L'idiot ! TP

Dima est un jeune plombier qui doit gérer les canalisations des HLM d'un quartier d'une petite ville de Russie. Un soir, lors d'une inspection de routine, il découvre une énorme fissure qui court le long des façades de l'immeuble. Selon ses calculs, le bâtiment est sur le point de s'effondrer et d'ensevelir les 800 locataires qui y vivent.

Vos commentaires et critiques :

Si l'idiot de ce saisissant thriller social russe partage avec le prince Mychkine, le personnage de Dostoievski, une inextinguible générosité envers autrui qui le fait passer pour un crétin auprès de son prochain, sachez que le rapprochement s'arrête là.
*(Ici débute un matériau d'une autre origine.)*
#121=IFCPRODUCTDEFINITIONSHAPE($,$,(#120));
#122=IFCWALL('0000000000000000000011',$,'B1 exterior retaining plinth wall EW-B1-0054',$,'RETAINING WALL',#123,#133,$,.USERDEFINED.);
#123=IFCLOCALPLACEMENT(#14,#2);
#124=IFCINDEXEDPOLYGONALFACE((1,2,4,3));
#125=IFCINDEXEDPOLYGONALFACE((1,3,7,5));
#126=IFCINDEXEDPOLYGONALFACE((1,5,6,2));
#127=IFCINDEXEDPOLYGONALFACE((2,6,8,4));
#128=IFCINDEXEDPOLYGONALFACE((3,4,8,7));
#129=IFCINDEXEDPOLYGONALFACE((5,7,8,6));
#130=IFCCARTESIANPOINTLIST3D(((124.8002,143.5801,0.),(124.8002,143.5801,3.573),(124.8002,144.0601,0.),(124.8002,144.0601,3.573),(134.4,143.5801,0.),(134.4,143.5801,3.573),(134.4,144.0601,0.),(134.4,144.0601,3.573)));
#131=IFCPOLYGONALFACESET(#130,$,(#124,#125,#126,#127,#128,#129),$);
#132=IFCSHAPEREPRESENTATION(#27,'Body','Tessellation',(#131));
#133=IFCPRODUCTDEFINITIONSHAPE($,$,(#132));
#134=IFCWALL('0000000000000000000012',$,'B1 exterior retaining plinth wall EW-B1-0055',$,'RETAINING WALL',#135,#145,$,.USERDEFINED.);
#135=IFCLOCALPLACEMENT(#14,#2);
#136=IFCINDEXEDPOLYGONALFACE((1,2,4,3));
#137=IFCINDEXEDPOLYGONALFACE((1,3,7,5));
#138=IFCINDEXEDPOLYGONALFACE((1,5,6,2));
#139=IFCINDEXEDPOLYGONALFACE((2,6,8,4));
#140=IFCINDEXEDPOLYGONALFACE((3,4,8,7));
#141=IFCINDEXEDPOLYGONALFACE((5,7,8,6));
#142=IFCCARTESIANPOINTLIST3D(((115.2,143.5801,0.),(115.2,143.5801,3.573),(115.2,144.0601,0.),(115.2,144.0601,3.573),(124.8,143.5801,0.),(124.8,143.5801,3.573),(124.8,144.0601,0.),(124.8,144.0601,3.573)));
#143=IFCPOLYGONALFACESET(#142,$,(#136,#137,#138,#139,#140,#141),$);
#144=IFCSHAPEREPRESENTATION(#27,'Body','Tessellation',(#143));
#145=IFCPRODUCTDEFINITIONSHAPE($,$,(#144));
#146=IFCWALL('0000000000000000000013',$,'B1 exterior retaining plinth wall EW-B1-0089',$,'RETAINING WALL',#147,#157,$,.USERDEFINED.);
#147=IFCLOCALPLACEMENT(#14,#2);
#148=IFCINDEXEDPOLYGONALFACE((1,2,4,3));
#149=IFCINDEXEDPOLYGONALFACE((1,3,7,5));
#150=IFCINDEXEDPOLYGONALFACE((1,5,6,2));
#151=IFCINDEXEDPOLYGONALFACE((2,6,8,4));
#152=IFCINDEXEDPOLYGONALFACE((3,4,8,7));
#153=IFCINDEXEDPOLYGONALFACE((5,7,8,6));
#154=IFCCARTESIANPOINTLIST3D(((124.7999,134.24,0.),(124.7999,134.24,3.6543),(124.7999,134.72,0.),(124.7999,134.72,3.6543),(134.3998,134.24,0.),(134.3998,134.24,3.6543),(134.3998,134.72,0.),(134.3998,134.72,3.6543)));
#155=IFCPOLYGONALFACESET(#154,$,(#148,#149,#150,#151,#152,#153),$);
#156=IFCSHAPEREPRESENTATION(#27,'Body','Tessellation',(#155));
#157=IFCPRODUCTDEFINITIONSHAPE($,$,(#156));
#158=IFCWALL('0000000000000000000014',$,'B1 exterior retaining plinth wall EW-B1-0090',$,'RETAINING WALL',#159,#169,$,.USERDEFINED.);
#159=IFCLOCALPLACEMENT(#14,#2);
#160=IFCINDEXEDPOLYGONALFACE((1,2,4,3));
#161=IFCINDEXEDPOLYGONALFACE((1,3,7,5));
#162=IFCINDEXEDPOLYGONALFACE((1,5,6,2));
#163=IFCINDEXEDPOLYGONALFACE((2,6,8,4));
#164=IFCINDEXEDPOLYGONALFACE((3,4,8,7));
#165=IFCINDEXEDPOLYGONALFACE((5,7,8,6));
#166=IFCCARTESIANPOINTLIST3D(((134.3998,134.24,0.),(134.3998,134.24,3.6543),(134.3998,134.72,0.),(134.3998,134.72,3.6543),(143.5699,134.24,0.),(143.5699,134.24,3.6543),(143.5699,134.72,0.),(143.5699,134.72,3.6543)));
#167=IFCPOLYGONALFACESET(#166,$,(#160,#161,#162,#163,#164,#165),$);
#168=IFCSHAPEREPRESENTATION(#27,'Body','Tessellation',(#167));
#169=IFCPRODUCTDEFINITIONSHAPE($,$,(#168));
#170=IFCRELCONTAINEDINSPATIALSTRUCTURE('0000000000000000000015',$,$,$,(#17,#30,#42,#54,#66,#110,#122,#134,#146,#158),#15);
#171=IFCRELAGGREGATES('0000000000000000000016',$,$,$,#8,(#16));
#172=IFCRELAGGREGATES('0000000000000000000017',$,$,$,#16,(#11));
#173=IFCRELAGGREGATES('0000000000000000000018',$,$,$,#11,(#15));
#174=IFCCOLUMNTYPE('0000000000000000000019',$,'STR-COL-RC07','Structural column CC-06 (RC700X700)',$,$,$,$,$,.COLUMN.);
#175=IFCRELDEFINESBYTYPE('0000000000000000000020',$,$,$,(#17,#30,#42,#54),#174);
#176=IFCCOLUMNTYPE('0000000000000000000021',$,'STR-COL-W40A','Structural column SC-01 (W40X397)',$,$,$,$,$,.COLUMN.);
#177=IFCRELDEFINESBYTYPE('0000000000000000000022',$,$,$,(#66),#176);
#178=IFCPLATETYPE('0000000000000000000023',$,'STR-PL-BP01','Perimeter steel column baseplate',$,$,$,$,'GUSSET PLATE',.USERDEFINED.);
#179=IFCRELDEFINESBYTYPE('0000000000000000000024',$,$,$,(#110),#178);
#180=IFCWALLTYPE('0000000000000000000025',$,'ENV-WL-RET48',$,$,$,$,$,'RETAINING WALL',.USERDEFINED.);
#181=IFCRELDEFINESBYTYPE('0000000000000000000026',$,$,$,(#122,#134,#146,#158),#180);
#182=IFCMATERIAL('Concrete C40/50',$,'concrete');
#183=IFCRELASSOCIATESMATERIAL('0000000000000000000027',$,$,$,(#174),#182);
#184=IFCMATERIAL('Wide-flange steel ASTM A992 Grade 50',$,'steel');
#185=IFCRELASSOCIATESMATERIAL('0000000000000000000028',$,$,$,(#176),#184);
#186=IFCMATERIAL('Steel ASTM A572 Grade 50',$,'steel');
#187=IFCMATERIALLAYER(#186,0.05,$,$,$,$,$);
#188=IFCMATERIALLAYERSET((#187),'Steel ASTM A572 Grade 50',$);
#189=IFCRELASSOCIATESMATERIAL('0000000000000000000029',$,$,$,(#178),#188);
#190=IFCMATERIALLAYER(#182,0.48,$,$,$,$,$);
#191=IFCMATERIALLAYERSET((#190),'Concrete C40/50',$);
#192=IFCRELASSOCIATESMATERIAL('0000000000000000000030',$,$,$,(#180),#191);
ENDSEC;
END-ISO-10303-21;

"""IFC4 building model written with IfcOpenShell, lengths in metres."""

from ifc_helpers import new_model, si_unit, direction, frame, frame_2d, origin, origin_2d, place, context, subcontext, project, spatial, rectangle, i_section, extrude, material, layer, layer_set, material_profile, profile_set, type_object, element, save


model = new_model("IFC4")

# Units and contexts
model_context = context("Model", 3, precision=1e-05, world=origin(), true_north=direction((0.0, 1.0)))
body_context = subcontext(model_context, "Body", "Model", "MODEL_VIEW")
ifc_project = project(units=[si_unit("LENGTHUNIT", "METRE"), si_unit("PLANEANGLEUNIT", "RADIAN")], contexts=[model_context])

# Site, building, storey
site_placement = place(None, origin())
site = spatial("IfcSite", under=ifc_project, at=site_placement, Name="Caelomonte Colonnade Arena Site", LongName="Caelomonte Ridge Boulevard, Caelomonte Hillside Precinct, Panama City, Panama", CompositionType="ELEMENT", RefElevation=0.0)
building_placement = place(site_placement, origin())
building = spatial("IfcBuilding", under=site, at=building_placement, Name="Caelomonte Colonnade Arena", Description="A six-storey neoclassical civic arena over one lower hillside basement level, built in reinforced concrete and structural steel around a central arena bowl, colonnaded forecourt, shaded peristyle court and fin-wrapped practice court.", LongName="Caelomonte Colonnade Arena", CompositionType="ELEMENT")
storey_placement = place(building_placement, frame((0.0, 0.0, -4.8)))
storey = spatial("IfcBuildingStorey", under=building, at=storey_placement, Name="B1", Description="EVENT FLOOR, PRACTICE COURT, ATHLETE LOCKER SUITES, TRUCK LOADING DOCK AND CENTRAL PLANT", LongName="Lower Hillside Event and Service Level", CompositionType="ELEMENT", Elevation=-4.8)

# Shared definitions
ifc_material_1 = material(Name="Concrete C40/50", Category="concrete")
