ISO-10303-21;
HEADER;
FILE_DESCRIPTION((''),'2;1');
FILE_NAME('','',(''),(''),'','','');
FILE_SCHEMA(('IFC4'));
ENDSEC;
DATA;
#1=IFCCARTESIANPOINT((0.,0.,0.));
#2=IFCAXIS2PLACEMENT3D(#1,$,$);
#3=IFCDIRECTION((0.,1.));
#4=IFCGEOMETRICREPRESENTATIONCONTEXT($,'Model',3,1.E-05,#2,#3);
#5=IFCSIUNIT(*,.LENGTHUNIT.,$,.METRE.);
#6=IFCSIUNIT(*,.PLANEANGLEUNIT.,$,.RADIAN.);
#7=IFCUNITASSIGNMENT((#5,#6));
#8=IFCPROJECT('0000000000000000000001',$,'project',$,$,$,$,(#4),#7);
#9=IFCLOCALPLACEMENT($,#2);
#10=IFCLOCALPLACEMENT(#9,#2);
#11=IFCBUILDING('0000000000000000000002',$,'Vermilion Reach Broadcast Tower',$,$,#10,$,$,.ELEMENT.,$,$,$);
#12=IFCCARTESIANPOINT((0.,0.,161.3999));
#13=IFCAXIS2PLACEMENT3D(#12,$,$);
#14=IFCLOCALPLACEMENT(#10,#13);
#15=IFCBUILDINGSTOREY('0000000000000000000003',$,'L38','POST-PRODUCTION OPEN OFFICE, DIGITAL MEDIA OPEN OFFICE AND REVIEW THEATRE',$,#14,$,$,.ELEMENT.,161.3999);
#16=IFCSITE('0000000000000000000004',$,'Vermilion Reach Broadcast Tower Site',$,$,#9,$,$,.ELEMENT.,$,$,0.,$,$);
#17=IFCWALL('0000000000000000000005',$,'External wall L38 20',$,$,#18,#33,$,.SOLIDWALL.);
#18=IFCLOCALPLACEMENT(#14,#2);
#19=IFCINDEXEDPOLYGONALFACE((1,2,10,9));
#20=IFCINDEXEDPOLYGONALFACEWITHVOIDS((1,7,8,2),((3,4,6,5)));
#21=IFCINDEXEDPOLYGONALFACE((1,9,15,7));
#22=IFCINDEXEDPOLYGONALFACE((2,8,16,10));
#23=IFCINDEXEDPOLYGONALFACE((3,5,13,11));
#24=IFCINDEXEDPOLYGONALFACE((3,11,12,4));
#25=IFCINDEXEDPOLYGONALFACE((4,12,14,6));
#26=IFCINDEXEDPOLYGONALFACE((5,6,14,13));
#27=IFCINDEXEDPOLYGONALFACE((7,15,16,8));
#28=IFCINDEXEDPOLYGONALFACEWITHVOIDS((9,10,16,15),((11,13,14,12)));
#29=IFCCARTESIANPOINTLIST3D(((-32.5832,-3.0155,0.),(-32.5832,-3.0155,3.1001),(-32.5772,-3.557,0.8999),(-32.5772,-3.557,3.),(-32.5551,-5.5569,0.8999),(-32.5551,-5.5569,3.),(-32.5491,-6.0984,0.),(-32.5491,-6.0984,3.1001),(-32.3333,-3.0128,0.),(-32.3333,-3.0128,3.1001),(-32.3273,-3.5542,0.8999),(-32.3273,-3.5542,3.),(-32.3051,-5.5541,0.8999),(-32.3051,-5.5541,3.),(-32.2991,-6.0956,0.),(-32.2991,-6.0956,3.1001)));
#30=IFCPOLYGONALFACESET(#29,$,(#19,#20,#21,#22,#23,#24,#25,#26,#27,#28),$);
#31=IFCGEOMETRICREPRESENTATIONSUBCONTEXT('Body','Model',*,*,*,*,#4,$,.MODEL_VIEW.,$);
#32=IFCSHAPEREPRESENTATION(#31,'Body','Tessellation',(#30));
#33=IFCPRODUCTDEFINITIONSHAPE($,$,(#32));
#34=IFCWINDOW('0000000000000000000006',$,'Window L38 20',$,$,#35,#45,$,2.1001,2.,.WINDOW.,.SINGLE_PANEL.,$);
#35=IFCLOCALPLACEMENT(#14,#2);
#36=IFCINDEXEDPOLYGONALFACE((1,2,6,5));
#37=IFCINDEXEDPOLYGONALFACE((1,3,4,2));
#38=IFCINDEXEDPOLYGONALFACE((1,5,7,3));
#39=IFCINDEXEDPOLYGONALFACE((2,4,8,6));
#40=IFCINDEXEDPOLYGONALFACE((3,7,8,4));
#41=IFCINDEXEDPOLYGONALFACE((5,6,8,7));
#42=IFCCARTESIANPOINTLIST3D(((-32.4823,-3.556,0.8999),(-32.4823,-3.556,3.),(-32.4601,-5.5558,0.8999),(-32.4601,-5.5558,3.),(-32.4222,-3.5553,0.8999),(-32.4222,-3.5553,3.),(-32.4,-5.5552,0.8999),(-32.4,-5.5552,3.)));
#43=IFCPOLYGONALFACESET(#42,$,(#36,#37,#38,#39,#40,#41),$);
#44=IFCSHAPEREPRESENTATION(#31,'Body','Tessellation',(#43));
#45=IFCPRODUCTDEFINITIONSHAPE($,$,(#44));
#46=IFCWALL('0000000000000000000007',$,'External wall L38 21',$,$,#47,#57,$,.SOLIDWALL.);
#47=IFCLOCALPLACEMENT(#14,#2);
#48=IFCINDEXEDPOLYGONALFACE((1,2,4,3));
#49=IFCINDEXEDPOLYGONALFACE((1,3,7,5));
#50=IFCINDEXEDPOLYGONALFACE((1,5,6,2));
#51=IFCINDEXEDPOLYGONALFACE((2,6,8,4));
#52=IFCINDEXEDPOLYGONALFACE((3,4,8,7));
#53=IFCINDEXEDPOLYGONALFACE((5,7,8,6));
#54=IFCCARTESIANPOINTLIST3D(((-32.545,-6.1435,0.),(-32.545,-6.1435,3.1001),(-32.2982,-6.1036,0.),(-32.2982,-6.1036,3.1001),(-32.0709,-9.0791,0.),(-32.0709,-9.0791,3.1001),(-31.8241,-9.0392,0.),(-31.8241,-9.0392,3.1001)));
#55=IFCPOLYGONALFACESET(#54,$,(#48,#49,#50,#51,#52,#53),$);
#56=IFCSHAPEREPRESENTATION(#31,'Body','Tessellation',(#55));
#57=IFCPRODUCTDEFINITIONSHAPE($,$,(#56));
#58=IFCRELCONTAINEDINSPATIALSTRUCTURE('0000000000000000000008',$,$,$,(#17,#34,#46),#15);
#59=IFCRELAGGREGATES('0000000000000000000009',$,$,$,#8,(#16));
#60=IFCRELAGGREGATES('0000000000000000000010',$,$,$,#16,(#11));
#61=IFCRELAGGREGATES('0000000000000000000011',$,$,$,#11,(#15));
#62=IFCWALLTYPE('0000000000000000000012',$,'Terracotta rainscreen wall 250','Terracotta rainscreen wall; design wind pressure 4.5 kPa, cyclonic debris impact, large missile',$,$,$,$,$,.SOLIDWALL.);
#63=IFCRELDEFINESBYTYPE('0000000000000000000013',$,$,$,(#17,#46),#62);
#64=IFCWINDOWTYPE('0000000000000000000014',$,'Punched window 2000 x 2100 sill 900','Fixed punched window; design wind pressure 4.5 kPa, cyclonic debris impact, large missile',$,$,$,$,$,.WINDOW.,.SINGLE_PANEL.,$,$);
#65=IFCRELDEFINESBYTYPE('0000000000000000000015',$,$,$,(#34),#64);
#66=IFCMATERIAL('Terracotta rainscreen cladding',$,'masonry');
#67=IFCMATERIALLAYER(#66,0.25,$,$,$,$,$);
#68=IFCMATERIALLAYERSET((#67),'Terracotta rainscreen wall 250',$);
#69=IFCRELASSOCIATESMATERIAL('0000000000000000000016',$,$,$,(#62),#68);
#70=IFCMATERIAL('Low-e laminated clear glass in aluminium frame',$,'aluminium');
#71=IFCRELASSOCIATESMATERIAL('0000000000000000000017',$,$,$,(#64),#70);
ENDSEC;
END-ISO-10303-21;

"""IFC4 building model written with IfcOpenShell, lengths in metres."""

from ifc_helpers import new_model, si_unit, direction, frame, frame_2d, origin, place, context, subcontext, project, spatial, rectangle, extrude, material, layer, layer_set, type_object, element, fill, save


model = new_model("IFC4")

# Units and contexts
model_context = context("Model", 3, precision=1e-05, world=origin(), true_north=direction((0.0, 1.0)))
body_context = subcontext(model_context, "Body", "Model", "MODEL_VIEW")
ifc_project = project(units=[si_unit("LENGTHUNIT", "METRE"), si_unit("PLANEANGLEUNIT", "RADIAN")], contexts=[model_context])

# Site, building, storey
site_placement = place(None, origin())
site = spatial("IfcSite", under=ifc_project, at=site_placement, Name="Vermilion Reach Broadcast Tower Site", CompositionType="ELEMENT", RefElevation=0.0)
building_placement = place(site_placement, origin())
building = spatial("IfcBuilding", under=site, at=building_placement, Name="Vermilion Reach Broadcast Tower", CompositionType="ELEMENT")
storey_placement = place(building_placement, frame((0.0, 0.0, 161.3999)))
storey = spatial("IfcBuildingStorey", under=building, at=storey_placement, Name="L38", Description="POST-PRODUCTION OPEN OFFICE, DIGITAL MEDIA OPEN OFFICE AND REVIEW THEATRE", CompositionType="ELEMENT", Elevation=161.3999)

# Shared definitions
ifc_material_1 = material(Name="Terracotta rainscreen cladding", Category="masonry")
ifc_layer_1 = layer(ifc_material_1, 0.25)
ifc_layer_set_1 = layer_set([ifc_layer_1], Name="Terracotta rainscreen wall 250")
wall_type_1 = type_object("IfcWallType", Name="Terracotta rainscreen wall 250", Description="Terracotta rainscreen wall; design wind pressure 4.5 kPa, cyclonic debris impact, large missile", PredefinedType="SOLIDWALL", material=ifc_layer_set_1)

# Wall, opening, window
wall_1_placement = place(storey_placement, frame((-32.4583, -3.0142, 0.0), z_axis=(0.0, 0.0, 1.0), x_axis=(0.011087, -0.999939, 0.0)))
wall_1 = element("IfcWall", 1, at=wall_1_placement, inside=storey, type_object=wall_type_1, Name="External wall L38 20", PredefinedType="SOLIDWALL", context=body_context, shape_type="SweptSolid", body=[
    extrude(rectangle(XDim=3.083, YDim=0.25, at=frame_2d((1.5415, 0.0))), origin(), (0.0, 0.0, 1.0), 3.1001),
])
opening_1_placement = place(wall_1_placement, frame((0.5415, 0.0, 0.8999)))
opening_1 = element("IfcOpeningElement", 2, at=opening_1_placement, cuts=wall_1, PredefinedType="OPENING", context=body_context, shape_type="SweptSolid", body=[
    extrude(rectangle(XDim=2.0, YDim=2.1001, at=frame_2d((1.0, 1.05))), frame((0.0, 0.135, 0.0), z_axis=(0.0, -1.0, 0.0), x_axis=(1.0, 0.0, 0.0)), (0.0, 0.0, 1.0), 0.27),
])
ifc_material_2 = material(Name="Low-e laminated clear glass in aluminium frame", Category="aluminium")
window_type = type_object("IfcWindowType", Name="Punched window 2000 x 2100 sill 900", Description="Fixed punched window; design wind pressure 4.5 kPa, cyclonic debris impact, large missile", PartitioningType="SINGLE_PANEL", PredefinedType="WINDOW", material=ifc_material_2)
window_placement = place(opening_1_placement, origin())
window = element("IfcWindow", 3, at=window_placement, inside=storey, type_object=window_type, Name="Window L38 20", OverallHeight=2.1001, OverallWidth=2.0, PartitioningType="SINGLE_PANEL", PredefinedType="WINDOW", context=body_context, shape_type="SweptSolid", body=[
    extrude(rectangle(XDim=2.0, YDim=2.1001, at=frame_2d((1.0, 1.05))), frame((0.0, 0.03, 0.0), z_axis=(0.0, -1.0, 0.0), x_axis=(1.0, 0.0, 0.0)), (0.0, 0.0, 1.0), 0.0601),
])
fill(opening_1, window)

# Wall
wall_2_placement = place(storey_placement, frame((-32.4216, -6.1235, 0.0), z_axis=(0.0, 0.0, 1.0), x_axis=(0.159444, -0.987207, 0.0)))
element("IfcWall", 4, at=wall_2_placement, inside=storey, type_object=wall_type_1, Name="External wall L38 21", PredefinedType="SOLIDWALL", context=body_context, shape_type="SweptSolid", body=[
    extrude(rectangle(XDim=2.9736, YDim=0.25, at=frame_2d((1.4868, 0.0))), origin(), (0.0, 0.0, 1.0), 3.1001),
])

save(model, "model.ifc")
Le titre français affiche volontairement un point d'exclamation car il est plutôt une invective jetée régulièrement au visage de son héros par sa mère, sa femme, ses voisins, par presque tout le monde en fait… La traduction littérale du titre russe se rapprocherait plutôt de quelque chose comme « trop con ». Et pour clore la comparaison avec le chef d’œuvre de Dostoievski, on est ici bien loin de la Russie tsariste et du milieu aristocratique dans lequel se situe l'intrigue du roman – même si la Russie d'aujourd'hui peut ressembler à celle d'Alexandre II, au vu de sa corruption endémique et de son autocratie. Dmitri est loin d'être prince, c'est un honnête plombier en charge de la maintenance des canalisations des HLM de sa petite ville, qui se débat bien souvent avec des bâtiments en voie de délabrement après seulement une quarantaine d'années, victimes de constructions à la va vite durant l'ère Brejnev et de l'absence de réhabilitation durant les décennies qui ont suivi.
Dmitri, beau gars avenant d'une trentaine d'années, vit comme beaucoup de russes appauvris, avec femme, enfant et parents dans le même appartement, faute de moyens. Et les relations sont souvent compliquées. La mère, ancien médecin, perçoit une misérable retraite (c'est le lot de nombreux médecins du service public en Russie) et reproche perpétuellement à ses maris et fils leur manque d'ambition professionnelle. Pourtant Dmitri étudie la nuit pour se former à l'architecture et ainsi progresser. Lui et son père partagent des qualités rarissimes en Russie, des qualités qui son quasiment devenues des handicaps dans leur pays : imaginez vous qu'ils sont intègres, qu'ils ne profitent pas, qu'ils ne traficotent pas, et qu'ils se préoccupent même des espaces communs de leur immeuble, régulièrement dégradés, ce qui fait d'eux la risée du voisinage.
Un événement va mettre encore plus à l'épreuve le sens du devoir de Dmitri. Appelé dans un immeuble suite à l'explosion d'une conduite d'eau chaude, il découvre une énorme fissure qui part des fondations jusqu'au huitième étage. D'après ses premières estimations, le bâtiment peut s'effondrer, et ses huit cents locataires avec, dans les vingt-quatre heures ! Pour lui, le compte à rebours est commencé et alors que tous ses collègues et sa famille l'incitent à ne pas faire de vagues, il va tenter d'alerter les autorités pour qu'on ordonne l'évacuation, allant même jusqu'à surgir au milieu de la fête d'anniversaire de la mairesse, entourée des hauts fonctionnaire de son équipe, plus ivres les uns que les autres.
Pas si simple de prendre des décisions a priori évidentes dans un monde où l'argent des travaux en principe planifiés est régulièrement détourné, dans un système où tout le monde est corrompu, des élus aux chefs de service décisionnaires et jusqu'aux exécutants. Et en l'occurrence cette histoire d'immeuble qu'il faudrait évacuer d'urgence pourrait tourner à la catastrophe pour des dizaines de décideurs et d'intermédiaires, et pire encore : les ruiner !
Dans la lignée de l'extraordinaire Leviathan, le film d'Andrei Zviaguintsev programmé chez nous l'an dernier, Yuriy Bykov décrit avec une intelligence cinglante une société totalement gangrenée par l'individualisme, les jeux de pouvoir et d'argent, l'arbitraire des flics assassins, et au bas de l'échelle l'alcoolisme et la violence endémiques. Une société où la dignité, la compassion, l'altruisme n'ont plus aucune place. Servi par des acteurs remarquables, L'idiot ! est un film captivant, qui vous tiens en haleine de la première à la dernière minute, à la fois description terrible d'un enfer sur terre et appel désespéré à la résistance, à la conscience citoyenne incarnées par ce Dmitri magnifiquement trop con.